Data from: Cross-scale interactions among bark beetles, climate change and wind disturbances a landscape modeling approach

Bark beetles are a key forest disturbance agent worldwide, with their impact shaped by climate, forest susceptibility, and interactions with other disturbances such as windthrow and fire. There is ample evidence on the interactions among these factors at small spatial and temporal scales, but projecting their long-term and landscape-scale impacts remains a challenge. We developed a spatially explicit model of European spruce bark beetle (Ips typographus) dynamics that incorporates beetle phenology and forest susceptibility, and integrated it in a climate-sensitive landscape model (LandClim). We first corroborated model outputs at various spatial and temporal scales and then applied the model in three case studies (in the Black Forest, Germany, and Davos, Switzerland) that cover an extended climatic gradient. We used this model and case study framework to examine the mechanisms and feedbacks that are driving short-term and long-term interactions among beetle disturbance, climate change and windthrow, and how they may shift in the future. At the current cold-wet end of the Norway spruce (Picea abies) distribution, climate change is projected to increase temperature and drought, such that beetles become a more dominant disturbance agent. At the warm-dry end of the spruce distribution, where under current climate beetle outbreaks were confined to the simultaneous occurrence of drought and windthrow, the simulated level of drought alone sufficed for triggering beetle outbreaks, such that elevated drought- and beetle-induced spruce mortality would negatively feed back on beetle disturbance in the long term leading to receding beetle populations due to the local extinction of Norway spruce. These results suggest that depending on initial environmental conditions climate change may shift the importance of direct and indirect drivers of disturbances. These shifts may affect the sign and strength of cross-scale disturbance interactions and may impact the cost-benefit trade-off between beetle suppression and preventive management strategies.

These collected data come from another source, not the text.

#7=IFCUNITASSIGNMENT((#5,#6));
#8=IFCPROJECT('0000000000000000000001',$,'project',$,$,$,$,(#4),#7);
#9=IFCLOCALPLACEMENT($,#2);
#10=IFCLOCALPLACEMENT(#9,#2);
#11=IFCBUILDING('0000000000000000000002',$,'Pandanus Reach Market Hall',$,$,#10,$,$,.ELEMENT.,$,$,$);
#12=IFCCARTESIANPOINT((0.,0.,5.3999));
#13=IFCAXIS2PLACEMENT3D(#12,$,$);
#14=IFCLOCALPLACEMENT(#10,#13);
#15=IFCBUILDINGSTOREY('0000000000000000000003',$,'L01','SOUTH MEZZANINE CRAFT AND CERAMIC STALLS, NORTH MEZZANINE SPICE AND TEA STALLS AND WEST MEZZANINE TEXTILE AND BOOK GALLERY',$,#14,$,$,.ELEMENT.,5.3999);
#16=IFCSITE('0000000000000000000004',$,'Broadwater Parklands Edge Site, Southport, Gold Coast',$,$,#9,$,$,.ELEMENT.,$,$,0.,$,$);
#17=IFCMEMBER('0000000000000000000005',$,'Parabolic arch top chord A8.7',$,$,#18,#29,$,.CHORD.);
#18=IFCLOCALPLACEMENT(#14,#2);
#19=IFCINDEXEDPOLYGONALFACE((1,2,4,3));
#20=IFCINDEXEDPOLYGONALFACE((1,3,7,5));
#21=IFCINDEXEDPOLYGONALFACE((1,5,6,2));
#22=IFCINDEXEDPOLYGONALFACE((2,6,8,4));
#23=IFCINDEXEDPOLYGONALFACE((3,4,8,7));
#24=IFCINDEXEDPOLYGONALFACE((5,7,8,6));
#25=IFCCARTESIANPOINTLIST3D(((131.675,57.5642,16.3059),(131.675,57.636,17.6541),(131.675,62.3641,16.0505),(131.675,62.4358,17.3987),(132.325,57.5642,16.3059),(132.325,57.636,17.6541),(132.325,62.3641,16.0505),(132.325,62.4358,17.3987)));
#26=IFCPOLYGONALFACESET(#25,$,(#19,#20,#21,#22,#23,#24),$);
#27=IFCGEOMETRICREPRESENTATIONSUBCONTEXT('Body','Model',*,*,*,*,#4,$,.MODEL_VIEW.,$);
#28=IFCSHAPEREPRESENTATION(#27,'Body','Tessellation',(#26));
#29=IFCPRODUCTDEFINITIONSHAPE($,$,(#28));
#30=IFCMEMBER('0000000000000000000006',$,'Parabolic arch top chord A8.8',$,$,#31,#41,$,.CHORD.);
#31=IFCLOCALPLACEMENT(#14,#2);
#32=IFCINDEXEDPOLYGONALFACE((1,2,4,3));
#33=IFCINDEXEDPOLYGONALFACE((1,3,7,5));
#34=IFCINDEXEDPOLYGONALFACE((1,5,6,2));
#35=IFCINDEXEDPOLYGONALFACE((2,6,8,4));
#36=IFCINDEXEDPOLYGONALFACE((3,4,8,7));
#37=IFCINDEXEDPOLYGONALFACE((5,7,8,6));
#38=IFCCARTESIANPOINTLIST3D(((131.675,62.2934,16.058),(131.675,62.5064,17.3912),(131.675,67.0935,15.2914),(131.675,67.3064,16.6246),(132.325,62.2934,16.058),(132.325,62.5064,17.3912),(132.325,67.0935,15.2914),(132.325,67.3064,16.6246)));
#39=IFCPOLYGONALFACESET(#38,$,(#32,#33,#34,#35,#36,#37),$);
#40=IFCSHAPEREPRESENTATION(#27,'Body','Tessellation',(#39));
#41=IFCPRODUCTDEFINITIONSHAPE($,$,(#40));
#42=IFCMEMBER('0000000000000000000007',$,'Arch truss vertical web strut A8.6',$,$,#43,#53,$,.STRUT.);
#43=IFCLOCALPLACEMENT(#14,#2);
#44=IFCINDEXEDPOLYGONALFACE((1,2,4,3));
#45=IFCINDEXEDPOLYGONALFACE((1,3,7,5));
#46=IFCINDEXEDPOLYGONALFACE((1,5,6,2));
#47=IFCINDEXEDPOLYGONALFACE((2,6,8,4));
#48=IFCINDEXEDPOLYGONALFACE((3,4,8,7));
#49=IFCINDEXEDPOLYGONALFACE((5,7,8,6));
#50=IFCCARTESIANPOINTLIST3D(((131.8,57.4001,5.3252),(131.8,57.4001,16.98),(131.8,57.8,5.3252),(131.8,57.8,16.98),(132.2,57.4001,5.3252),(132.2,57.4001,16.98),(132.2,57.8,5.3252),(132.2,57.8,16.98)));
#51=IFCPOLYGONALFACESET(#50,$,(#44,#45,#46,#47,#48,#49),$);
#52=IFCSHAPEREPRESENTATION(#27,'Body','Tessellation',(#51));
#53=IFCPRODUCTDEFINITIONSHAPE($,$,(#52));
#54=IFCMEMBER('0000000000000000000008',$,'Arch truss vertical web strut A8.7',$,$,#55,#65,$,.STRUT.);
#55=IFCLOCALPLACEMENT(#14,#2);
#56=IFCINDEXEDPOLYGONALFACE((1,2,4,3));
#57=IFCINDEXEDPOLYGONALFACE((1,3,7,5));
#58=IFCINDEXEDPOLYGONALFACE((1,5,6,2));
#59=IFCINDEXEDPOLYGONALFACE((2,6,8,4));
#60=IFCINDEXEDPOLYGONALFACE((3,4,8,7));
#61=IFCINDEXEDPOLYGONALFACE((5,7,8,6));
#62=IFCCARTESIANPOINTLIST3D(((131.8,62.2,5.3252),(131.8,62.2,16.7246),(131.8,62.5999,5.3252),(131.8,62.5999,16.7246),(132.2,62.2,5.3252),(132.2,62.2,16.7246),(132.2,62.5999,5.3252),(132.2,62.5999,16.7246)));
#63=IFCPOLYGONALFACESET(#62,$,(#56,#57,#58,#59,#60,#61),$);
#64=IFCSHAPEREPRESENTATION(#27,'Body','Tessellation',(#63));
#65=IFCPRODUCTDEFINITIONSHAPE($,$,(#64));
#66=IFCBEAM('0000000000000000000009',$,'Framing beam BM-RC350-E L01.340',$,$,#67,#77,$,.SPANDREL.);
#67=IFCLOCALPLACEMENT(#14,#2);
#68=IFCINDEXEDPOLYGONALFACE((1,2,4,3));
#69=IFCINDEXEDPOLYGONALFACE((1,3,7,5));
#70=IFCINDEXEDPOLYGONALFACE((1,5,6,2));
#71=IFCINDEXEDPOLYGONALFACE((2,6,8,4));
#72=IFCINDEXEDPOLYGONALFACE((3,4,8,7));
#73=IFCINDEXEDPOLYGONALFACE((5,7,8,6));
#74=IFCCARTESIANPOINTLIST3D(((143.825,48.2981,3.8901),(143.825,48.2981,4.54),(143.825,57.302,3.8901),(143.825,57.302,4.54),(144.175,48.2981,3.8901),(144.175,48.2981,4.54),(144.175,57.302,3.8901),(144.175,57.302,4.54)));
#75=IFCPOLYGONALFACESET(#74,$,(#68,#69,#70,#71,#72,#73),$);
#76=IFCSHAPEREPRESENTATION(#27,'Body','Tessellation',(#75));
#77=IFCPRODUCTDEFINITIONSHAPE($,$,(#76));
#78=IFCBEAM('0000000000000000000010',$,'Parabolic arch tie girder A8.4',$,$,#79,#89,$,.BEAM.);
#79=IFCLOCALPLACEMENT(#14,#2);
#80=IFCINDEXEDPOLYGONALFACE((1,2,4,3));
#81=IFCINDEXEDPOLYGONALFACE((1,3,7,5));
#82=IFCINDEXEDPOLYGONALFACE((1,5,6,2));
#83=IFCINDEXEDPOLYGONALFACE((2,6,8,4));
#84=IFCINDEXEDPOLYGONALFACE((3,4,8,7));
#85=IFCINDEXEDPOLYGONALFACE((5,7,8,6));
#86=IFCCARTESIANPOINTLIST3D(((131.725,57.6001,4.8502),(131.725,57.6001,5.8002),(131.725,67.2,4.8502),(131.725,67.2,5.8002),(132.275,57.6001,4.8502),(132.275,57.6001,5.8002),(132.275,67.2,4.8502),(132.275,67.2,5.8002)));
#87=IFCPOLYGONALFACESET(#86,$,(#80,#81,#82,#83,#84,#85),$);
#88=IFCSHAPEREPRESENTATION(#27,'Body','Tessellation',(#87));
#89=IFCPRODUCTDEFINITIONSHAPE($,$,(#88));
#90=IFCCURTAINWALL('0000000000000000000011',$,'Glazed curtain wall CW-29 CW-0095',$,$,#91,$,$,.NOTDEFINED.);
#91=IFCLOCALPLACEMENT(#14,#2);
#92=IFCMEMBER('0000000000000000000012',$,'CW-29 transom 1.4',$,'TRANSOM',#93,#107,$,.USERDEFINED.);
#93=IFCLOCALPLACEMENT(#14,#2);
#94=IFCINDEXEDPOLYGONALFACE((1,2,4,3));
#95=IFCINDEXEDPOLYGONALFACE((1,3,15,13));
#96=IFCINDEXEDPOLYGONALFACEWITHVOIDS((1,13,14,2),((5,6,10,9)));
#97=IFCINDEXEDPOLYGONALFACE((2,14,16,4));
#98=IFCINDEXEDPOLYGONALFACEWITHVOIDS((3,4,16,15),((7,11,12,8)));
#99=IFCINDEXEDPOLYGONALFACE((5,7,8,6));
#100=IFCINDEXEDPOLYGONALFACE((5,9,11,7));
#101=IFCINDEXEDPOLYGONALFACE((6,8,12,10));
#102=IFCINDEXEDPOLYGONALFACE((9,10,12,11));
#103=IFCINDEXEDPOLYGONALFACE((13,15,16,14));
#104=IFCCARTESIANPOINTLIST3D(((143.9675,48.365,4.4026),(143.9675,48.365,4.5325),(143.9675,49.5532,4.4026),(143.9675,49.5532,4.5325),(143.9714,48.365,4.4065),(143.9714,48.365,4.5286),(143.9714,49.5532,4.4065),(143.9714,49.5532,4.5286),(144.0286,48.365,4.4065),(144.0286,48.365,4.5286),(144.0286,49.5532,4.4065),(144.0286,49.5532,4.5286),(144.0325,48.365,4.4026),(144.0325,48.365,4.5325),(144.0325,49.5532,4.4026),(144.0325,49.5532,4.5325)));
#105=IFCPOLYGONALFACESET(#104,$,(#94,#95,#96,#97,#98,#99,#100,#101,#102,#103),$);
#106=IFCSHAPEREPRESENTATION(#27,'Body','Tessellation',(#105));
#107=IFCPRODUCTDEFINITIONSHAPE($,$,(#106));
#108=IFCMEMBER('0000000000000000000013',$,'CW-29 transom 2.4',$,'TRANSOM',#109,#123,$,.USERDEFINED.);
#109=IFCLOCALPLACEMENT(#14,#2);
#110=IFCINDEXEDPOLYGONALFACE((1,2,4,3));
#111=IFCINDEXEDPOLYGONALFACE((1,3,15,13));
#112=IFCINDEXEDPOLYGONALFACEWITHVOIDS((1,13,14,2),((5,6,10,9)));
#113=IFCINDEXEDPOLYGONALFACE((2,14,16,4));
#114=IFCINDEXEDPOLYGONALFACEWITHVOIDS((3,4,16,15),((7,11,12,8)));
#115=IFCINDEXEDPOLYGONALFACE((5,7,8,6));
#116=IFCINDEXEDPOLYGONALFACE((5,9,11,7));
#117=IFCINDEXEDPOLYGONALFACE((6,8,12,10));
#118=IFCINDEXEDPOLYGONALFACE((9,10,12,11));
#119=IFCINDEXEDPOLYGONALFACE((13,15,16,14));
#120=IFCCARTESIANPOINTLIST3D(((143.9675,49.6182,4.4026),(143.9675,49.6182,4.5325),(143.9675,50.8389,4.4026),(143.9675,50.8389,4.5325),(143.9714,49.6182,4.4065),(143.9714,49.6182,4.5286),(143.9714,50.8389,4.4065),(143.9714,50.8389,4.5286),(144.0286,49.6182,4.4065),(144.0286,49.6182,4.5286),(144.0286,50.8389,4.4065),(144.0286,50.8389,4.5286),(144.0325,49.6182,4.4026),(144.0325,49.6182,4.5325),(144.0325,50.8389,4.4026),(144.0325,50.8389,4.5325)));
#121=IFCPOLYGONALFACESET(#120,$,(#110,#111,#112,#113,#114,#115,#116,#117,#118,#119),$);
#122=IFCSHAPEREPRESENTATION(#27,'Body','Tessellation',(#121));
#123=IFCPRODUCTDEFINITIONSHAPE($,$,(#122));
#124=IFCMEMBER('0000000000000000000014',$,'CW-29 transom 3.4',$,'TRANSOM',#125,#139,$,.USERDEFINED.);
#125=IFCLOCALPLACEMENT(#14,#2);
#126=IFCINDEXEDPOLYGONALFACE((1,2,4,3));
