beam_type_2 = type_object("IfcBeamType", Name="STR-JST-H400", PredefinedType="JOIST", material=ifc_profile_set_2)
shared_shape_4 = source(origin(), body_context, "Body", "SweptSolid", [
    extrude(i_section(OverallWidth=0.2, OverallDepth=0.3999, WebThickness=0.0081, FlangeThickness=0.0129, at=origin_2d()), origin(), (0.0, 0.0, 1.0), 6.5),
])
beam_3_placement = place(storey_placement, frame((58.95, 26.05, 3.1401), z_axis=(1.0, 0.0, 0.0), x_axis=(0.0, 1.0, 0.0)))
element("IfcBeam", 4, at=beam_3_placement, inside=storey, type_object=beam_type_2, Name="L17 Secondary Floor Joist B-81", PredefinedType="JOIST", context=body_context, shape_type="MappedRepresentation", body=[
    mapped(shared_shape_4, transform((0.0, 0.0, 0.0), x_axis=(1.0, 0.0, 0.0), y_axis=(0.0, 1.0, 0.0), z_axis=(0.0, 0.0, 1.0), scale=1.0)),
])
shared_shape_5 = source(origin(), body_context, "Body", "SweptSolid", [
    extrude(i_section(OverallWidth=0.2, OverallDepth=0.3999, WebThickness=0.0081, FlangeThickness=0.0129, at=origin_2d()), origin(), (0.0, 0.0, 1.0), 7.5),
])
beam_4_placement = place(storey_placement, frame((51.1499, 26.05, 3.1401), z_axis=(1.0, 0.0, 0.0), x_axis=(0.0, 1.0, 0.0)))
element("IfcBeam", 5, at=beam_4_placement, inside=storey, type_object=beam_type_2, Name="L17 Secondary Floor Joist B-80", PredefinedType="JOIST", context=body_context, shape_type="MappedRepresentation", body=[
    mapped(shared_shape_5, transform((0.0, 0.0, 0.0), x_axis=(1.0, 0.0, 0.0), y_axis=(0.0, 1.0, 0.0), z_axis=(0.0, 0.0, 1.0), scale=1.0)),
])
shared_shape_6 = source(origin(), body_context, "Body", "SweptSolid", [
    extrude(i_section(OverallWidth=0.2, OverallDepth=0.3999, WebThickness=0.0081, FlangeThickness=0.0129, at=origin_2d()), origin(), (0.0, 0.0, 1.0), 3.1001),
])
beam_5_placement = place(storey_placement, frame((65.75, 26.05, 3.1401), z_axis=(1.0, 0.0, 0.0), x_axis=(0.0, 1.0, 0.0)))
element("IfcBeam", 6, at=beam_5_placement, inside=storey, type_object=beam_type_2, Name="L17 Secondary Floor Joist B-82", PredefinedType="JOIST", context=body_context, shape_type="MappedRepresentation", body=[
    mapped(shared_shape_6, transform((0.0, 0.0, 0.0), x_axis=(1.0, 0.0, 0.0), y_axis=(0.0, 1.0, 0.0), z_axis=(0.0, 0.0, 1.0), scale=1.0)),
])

树皮甲虫（Bark beetles）是全球范围内关键的森林干扰营力，其影响受气候、森林易感性，以及与风倒、火灾等其他干扰的相互作用共同塑造。现有大量证据揭示了这些因子在小空间与时间尺度上的相互作用，但对其长期及景观尺度影响的预测仍是一项挑战。我们开发了一款整合了甲虫物候与森林易感性的欧洲云杉树皮甲虫（Ips typographus）空间显式动力学模型，并将其集成至气候敏感型景观模型（LandClim）中。我们首先在多空间与时间尺度上验证了模型输出结果，随后将该模型应用于涵盖广泛气候梯度的三个案例研究——分别位于德国黑森林与瑞士达沃斯。我们借助该模型与案例研究框架，探究驱动甲虫干扰、气候变化与风倒之间短期与长期相互作用的机制与反馈，以及这些相互作用未来可能发生的变化。在挪威云杉（Picea abies）分布区的当前冷湿端，气候变化预计将升高温度并加剧干旱，使得甲虫成为更具主导性的干扰营力。而在云杉分布区的暖干端，当前气候条件下甲虫暴发仅局限于干旱与风倒同时发生的场景；模拟结果显示，仅干旱程度提升便足以触发甲虫暴发，长期来看，干旱与甲虫诱导的云杉死亡率升高会对甲虫干扰产生负反馈，最终因挪威云杉的局地灭绝导致甲虫种群衰退。这些研究结果表明，气候变化或会根据初始环境条件改变干扰直接与间接驱动因子的重要性。此类变化可能会影响跨尺度干扰相互作用的方向与强度，并可能影响甲虫防控与预防性管理策略之间的成本收益权衡。